Doğruydu! Ve çok da mantıklıydı. Zehra dışında bu konuşmayı sadece ikimiz biliyorduk. Sonuçta insan nerede ne söylediğini bilirdi ve o da bu söylediklerini hatırlarsa kendini fark ederdi. Bizim için önemli olan da onun kendisini aradığımızı anlamasını sağlamaktı. Tabii kendisi aktif bir sosyal medya kullanıcısı ise… Ya değilse… Ya hiçbir platformda profil oluşturmamışsa… Neticede sosyal medya kullanmamayı tercih eden pek çok insan vardı. Elbette bu da bir ihtimaldi ve bu ihtimal beni çok germişti. Hem öyle bile olsa illa ki çevresinde kullananlar vardı ve bir şekilde ona ulaşabilirlerdi. İnancımı kaybetmeyecektim.
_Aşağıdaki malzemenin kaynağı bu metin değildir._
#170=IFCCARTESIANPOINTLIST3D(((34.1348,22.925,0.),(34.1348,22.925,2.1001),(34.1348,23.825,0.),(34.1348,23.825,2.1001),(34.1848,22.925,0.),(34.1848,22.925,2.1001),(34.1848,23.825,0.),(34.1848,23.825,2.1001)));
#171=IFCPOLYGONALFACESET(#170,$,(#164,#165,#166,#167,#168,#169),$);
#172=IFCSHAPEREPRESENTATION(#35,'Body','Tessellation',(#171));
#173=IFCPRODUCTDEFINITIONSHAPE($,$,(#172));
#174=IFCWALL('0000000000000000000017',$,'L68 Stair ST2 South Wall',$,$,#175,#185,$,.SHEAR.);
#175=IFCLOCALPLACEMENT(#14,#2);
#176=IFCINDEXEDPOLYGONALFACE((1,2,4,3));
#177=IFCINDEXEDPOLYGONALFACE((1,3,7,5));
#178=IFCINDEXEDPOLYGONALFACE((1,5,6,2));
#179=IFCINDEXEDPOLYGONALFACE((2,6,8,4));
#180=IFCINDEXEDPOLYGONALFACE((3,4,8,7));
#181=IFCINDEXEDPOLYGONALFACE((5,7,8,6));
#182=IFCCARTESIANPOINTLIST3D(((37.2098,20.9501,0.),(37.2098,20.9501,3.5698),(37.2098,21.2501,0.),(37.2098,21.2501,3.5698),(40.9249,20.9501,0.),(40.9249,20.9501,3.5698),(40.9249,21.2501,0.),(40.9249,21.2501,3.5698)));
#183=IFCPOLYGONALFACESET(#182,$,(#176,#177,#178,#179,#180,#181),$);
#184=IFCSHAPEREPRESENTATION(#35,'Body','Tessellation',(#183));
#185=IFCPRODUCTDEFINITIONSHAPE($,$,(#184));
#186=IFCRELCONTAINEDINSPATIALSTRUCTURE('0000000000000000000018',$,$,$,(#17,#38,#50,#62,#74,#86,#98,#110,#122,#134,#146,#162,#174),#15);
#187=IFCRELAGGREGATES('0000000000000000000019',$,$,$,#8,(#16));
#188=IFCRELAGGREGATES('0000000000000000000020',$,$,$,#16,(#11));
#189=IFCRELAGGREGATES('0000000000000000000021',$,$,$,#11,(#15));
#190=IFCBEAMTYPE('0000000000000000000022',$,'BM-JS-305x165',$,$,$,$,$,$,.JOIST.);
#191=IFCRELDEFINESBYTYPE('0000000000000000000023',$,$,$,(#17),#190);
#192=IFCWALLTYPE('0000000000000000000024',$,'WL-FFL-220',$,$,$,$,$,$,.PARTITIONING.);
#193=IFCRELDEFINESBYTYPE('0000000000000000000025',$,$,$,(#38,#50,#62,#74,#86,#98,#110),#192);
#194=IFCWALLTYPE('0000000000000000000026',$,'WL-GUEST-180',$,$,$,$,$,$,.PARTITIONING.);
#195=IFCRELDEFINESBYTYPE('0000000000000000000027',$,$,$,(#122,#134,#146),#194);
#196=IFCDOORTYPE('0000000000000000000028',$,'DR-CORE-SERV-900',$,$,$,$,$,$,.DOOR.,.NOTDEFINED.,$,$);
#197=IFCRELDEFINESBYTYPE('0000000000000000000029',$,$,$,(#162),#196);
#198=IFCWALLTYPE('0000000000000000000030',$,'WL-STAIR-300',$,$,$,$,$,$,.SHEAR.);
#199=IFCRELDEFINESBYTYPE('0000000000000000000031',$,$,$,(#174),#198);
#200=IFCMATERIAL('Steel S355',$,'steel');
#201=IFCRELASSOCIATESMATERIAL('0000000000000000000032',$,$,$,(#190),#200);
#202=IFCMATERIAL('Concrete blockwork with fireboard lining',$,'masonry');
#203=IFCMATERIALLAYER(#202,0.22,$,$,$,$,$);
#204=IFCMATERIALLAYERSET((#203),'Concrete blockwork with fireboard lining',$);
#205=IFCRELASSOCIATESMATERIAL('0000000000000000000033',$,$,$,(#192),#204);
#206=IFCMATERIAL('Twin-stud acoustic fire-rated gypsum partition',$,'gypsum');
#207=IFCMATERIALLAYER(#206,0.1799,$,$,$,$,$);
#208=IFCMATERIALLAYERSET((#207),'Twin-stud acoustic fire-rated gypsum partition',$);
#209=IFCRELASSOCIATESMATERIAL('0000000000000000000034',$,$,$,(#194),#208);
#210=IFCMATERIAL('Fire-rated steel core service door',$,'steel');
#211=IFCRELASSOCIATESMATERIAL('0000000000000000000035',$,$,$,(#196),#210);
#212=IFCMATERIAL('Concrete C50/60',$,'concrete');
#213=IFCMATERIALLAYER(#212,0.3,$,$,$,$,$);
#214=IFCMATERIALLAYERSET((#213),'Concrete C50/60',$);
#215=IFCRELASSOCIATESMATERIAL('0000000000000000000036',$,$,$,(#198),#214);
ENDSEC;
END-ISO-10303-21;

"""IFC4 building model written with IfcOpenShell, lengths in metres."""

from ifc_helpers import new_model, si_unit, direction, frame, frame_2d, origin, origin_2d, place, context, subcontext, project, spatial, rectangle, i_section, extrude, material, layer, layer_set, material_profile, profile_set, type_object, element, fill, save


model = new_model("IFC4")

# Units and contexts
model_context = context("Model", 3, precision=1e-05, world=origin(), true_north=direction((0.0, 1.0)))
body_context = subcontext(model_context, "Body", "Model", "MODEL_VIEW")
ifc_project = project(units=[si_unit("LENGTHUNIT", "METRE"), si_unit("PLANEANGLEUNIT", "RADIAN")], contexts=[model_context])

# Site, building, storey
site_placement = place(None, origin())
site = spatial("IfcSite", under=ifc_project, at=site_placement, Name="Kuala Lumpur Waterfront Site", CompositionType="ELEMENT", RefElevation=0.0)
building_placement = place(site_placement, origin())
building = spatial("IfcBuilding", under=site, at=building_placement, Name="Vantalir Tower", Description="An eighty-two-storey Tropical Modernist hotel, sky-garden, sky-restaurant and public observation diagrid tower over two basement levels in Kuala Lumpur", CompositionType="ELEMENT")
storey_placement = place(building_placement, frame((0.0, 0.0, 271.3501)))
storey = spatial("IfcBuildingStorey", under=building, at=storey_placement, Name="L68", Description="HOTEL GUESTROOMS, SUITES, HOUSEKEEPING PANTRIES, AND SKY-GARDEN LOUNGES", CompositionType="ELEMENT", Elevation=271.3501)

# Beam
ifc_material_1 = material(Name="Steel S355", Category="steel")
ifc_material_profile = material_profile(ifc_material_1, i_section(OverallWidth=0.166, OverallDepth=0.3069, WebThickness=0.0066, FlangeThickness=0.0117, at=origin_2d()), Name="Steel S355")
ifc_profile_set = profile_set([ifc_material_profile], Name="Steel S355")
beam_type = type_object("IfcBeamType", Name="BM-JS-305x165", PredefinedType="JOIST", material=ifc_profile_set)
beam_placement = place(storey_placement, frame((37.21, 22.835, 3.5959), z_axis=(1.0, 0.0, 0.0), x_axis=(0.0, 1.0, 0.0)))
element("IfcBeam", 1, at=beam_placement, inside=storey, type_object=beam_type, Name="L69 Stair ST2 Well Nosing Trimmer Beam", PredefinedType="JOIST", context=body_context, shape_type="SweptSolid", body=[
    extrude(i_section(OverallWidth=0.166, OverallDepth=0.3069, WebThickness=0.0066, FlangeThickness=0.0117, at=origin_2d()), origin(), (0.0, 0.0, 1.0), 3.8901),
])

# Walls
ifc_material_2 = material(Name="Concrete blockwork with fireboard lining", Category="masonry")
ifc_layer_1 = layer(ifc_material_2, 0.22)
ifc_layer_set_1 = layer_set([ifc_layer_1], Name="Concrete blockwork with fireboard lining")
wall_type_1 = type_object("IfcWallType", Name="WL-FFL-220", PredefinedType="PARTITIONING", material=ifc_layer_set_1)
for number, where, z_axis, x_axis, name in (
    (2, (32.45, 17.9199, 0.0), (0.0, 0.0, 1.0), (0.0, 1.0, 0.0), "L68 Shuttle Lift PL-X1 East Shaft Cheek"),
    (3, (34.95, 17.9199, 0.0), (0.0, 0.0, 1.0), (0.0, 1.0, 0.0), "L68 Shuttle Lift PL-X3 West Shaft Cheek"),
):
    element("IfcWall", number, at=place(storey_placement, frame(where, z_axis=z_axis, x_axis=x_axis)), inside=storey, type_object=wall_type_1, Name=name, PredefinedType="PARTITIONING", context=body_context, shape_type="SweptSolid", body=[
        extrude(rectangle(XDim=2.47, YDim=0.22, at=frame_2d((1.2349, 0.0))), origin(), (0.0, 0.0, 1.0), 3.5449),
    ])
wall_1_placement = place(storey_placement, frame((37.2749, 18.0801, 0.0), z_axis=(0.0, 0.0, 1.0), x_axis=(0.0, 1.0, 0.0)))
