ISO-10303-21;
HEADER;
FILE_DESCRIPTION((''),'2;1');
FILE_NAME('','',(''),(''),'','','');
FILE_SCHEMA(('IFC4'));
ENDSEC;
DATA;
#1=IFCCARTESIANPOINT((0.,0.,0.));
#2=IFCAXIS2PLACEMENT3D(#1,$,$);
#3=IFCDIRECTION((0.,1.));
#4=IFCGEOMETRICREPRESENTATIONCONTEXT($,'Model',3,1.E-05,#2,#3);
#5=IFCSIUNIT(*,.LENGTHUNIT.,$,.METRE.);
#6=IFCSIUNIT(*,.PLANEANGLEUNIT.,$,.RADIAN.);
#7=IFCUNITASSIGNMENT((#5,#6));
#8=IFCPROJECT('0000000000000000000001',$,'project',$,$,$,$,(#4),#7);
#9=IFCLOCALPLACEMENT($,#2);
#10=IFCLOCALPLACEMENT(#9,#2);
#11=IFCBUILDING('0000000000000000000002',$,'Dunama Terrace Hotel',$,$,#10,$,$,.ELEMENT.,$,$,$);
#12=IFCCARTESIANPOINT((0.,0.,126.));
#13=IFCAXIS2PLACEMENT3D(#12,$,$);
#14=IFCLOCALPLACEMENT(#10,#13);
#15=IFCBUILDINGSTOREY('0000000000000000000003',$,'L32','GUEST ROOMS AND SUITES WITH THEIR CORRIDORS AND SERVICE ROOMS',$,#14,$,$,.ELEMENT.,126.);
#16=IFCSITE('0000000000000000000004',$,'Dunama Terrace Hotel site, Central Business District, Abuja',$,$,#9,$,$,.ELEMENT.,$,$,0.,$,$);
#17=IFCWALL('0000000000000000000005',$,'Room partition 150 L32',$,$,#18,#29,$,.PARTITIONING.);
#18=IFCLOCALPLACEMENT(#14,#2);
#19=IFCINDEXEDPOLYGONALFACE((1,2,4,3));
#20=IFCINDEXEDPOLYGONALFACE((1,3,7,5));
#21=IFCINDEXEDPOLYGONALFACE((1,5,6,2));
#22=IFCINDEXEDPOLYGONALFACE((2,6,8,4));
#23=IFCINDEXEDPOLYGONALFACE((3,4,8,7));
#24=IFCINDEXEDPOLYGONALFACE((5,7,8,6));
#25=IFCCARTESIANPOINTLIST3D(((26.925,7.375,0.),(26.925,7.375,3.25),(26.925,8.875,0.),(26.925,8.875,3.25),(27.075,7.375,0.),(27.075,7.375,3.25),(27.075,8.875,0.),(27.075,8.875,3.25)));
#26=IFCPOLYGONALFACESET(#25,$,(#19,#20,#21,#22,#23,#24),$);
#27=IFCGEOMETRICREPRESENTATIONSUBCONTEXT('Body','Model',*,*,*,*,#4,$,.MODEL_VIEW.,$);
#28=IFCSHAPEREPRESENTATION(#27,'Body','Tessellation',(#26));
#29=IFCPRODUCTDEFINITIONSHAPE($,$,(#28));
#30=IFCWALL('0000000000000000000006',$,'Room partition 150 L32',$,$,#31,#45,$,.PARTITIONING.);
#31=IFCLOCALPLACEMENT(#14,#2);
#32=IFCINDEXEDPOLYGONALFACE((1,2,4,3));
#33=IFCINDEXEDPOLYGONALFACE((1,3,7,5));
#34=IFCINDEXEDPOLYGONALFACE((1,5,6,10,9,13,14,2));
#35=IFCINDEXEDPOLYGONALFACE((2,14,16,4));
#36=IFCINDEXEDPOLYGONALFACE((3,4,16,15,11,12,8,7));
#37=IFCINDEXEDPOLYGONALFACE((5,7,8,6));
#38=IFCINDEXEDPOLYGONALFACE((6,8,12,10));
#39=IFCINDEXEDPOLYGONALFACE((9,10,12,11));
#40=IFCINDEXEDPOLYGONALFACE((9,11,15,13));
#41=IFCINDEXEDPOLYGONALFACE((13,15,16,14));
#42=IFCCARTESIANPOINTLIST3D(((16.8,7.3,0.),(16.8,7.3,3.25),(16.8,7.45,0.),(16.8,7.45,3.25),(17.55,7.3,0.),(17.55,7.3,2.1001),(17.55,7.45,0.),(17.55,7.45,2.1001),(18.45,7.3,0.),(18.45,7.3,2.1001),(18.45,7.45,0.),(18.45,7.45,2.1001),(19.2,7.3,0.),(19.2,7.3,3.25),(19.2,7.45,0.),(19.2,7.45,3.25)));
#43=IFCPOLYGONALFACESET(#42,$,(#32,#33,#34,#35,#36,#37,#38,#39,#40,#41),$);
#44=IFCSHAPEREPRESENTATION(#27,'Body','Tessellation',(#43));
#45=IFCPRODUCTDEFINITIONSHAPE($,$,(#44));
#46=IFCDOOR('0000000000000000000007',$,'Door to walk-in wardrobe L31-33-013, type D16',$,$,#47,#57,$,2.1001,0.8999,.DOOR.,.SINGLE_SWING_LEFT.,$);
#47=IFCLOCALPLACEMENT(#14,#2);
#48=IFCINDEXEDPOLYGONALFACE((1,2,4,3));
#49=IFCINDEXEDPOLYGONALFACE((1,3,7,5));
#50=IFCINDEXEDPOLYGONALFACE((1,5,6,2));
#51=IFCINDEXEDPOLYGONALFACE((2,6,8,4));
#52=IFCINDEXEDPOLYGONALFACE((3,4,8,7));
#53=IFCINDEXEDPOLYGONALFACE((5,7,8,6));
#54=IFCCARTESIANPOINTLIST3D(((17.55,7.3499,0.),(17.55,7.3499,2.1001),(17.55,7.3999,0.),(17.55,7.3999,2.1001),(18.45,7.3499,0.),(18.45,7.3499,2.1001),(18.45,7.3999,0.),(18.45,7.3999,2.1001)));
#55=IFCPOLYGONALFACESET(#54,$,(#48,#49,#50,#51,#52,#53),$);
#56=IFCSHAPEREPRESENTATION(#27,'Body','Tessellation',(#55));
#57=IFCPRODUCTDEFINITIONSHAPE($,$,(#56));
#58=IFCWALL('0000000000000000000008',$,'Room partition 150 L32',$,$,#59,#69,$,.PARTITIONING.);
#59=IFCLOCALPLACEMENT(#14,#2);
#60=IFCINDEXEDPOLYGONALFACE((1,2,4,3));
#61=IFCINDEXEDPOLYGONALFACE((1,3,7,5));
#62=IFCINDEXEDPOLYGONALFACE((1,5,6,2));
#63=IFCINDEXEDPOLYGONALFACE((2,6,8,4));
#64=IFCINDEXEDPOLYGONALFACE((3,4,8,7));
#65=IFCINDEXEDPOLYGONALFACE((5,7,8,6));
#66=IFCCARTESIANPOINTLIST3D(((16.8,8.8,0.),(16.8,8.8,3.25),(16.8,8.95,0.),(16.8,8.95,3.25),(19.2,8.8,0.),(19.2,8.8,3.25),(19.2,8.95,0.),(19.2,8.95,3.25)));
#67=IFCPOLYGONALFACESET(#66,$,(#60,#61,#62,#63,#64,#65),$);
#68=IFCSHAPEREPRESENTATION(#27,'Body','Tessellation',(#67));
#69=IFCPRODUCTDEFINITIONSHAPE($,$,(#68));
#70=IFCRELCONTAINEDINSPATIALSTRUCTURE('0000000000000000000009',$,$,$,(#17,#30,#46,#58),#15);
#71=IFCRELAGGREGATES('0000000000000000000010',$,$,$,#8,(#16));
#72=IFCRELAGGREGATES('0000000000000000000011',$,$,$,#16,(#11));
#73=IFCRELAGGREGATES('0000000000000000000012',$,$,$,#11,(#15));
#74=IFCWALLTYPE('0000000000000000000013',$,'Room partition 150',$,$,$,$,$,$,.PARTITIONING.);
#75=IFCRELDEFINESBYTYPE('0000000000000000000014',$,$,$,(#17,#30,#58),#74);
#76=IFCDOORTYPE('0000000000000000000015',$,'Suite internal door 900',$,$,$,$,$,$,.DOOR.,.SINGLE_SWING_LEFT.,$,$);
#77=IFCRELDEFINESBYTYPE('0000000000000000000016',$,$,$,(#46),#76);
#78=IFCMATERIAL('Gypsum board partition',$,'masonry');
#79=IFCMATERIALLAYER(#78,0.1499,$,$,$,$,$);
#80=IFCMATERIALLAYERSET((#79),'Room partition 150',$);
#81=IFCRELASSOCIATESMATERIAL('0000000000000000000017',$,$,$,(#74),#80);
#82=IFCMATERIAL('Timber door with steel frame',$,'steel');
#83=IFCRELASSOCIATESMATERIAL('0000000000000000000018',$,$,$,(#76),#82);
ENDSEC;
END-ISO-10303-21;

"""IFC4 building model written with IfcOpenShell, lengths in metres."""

from ifc_helpers import new_model, si_unit, direction, frame, frame_2d, origin, place, context, subcontext, project, spatial, rectangle, extrude, material, layer, layer_set, type_object, element, fill, save


model = new_model("IFC4")

# Units and contexts
model_context = context("Model", 3, precision=1e-05, world=origin(), true_north=direction((0.0, 1.0)))
body_context = subcontext(model_context, "Body", "Model", "MODEL_VIEW")
ifc_project = project(units=[si_unit("LENGTHUNIT", "METRE"), si_unit("PLANEANGLEUNIT", "RADIAN")], contexts=[model_context])

# Site, building, storey
site_placement = place(None, origin())
site = spatial("IfcSite", under=ifc_project, at=site_placement, Name="Dunama Terrace Hotel site, Central Business District, Abuja", CompositionType="ELEMENT", RefElevation=0.0)
building_placement = place(site_placement, origin())
building = spatial("IfcBuilding", under=site, at=building_placement, Name="Dunama Terrace Hotel", CompositionType="ELEMENT")
storey_placement = place(building_placement, frame((0.0, 0.0, 126.0)))
storey = spatial("IfcBuildingStorey", under=building, at=storey_placement, Name="L32", Description="GUEST ROOMS AND SUITES WITH THEIR CORRIDORS AND SERVICE ROOMS", CompositionType="ELEMENT", Elevation=126.0)

# Wall
ifc_material_1 = material(Name="Gypsum board partition", Category="masonry")
ifc_layer_1 = layer(ifc_material_1, 0.1499)
ifc_layer_set_1 = layer_set([ifc_layer_1], Name="Room partition 150")
wall_type_1 = type_object("IfcWallType", Name="Room partition 150", PredefinedType="PARTITIONING", material=ifc_layer_set_1)
for number, where, z_axis, x_axis, name in (
    (1, (27.0, 7.375, 0.0), (0.0, 0.0, 1.0), (0.0, 1.0, 0.0), "Room partition 150 L32"),
):
    element("IfcWall", number, at=place(storey_placement, frame(where, z_axis=z_axis, x_axis=x_axis)), inside=storey, type_object=wall_type_1, Name=name, PredefinedType="PARTITIONING", context=body_context, shape_type="SweptSolid", body=[
        extrude(rectangle(XDim=1.5, YDim=0.1499, at=frame_2d((0.75, 0.0))), origin(), (0.0, 0.0, 1.0), 3.25),
    ])

# Wall, opening, door
wall_1_placement = place(storey_placement, frame((16.8, 7.375, 0.0), z_axis=(0.0, 0.0, 1.0), x_axis=(1.0, 0.0, 0.0)))
wall_1 = element("IfcWall", 2, at=wall_1_placement, inside=storey, type_object=wall_type_1, Name="Room partition 150 L32", PredefinedType="PARTITIONING", context=body_context, shape_type="SweptSolid", body=[
    extrude(rectangle(XDim=2.3999, YDim=0.1499, at=frame_2d((1.2, 0.0))), origin(), (0.0, 0.0, 1.0), 3.25),
])
opening_1_placement = place(wall_1_placement, frame((0.75, 0.0, 0.0)))
opening_1 = element("IfcOpeningElement", 3, at=opening_1_placement, cuts=wall_1, PredefinedType="OPENING", context=body_context, shape_type="SweptSolid", body=[
    extrude(rectangle(XDim=0.8999, YDim=2.1001, at=frame_2d((0.45, 1.05))), frame((0.0, 0.085, 0.0), z_axis=(0.0, -1.0, 0.0), x_axis=(1.0, 0.0, 0.0)), (0.0, 0.0, 1.0), 0.1699),
])
ifc_material_2 = material(Name="Timber door with steel frame", Category="steel")
door_type_1 = type_object("IfcDoorType", Name="Suite internal door 900", OperationType="SINGLE_SWING_LEFT", PredefinedType="DOOR", material=ifc_material_2)
door_1_placement = place(opening_1_placement, origin())
door_1 = element("IfcDoor", 4, at=door_1_placement, inside=storey, type_object=door_type_1, Name="Door to walk-in wardrobe L31-33-013, type D16", OperationType="SINGLE_SWING_LEFT", OverallHeight=2.1001, OverallWidth=0.8999, PredefinedType="DOOR", context=body_context, shape_type="SweptSolid", body=[
    extrude(rectangle(XDim=0.8999, YDim=2.1001, at=frame_2d((0.45, 1.05))), frame((0.0, 0.0249, 0.0), z_axis=(0.0, -1.0, 0.0), x_axis=(1.0, 0.0, 0.0)), (0.0, 0.0, 1.0), 0.05),
])
fill(opening_1, door_1)

# Wall
wall_2_placement = place(storey_placement, frame((16.8, 8.875, 0.0), z_axis=(0.0, 0.0, 1.0), x_axis=(1.0, 0.0, 0.0)))
element("IfcWall", 5, at=wall_2_placement, inside=storey, type_object=wall_type_1, Name="Room partition 150 L32", PredefinedType="PARTITIONING", context=body_context, shape_type="SweptSolid", body=[
    extrude(rectangle(XDim=2.3999, YDim=0.1499, at=frame_2d((1.2, 0.0))), origin(), (0.0, 0.0, 1.0), 3.25),
])

save(model, "model.ifc")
“Bu olur. Bunu yapalım.” dedim heyecanla. Ardından telefonumu çıkarıp ilk platformu açtım. Cümleyi toparladıktan sonra yazmaya başladım.
‘Fuar günü metrobüs durağından karşıya geçmeye çalışırken köprüde bana ‘kılıcımız keskin olsun’ diyen sarı tişörtlü adam, seni arıyorum. Lütfen beni bul.’
İletiyi yazdıktan sonra fuarla alakalı popüler olan bütün etiketleri kelime haznem yettiğince ekledim ve ekran fotoğrafını alıp diğer bütün platformlarda paylaştım. Artık bundan sonrasında geriye sosyal medya camiasına güvenip beklemek kalıyordu.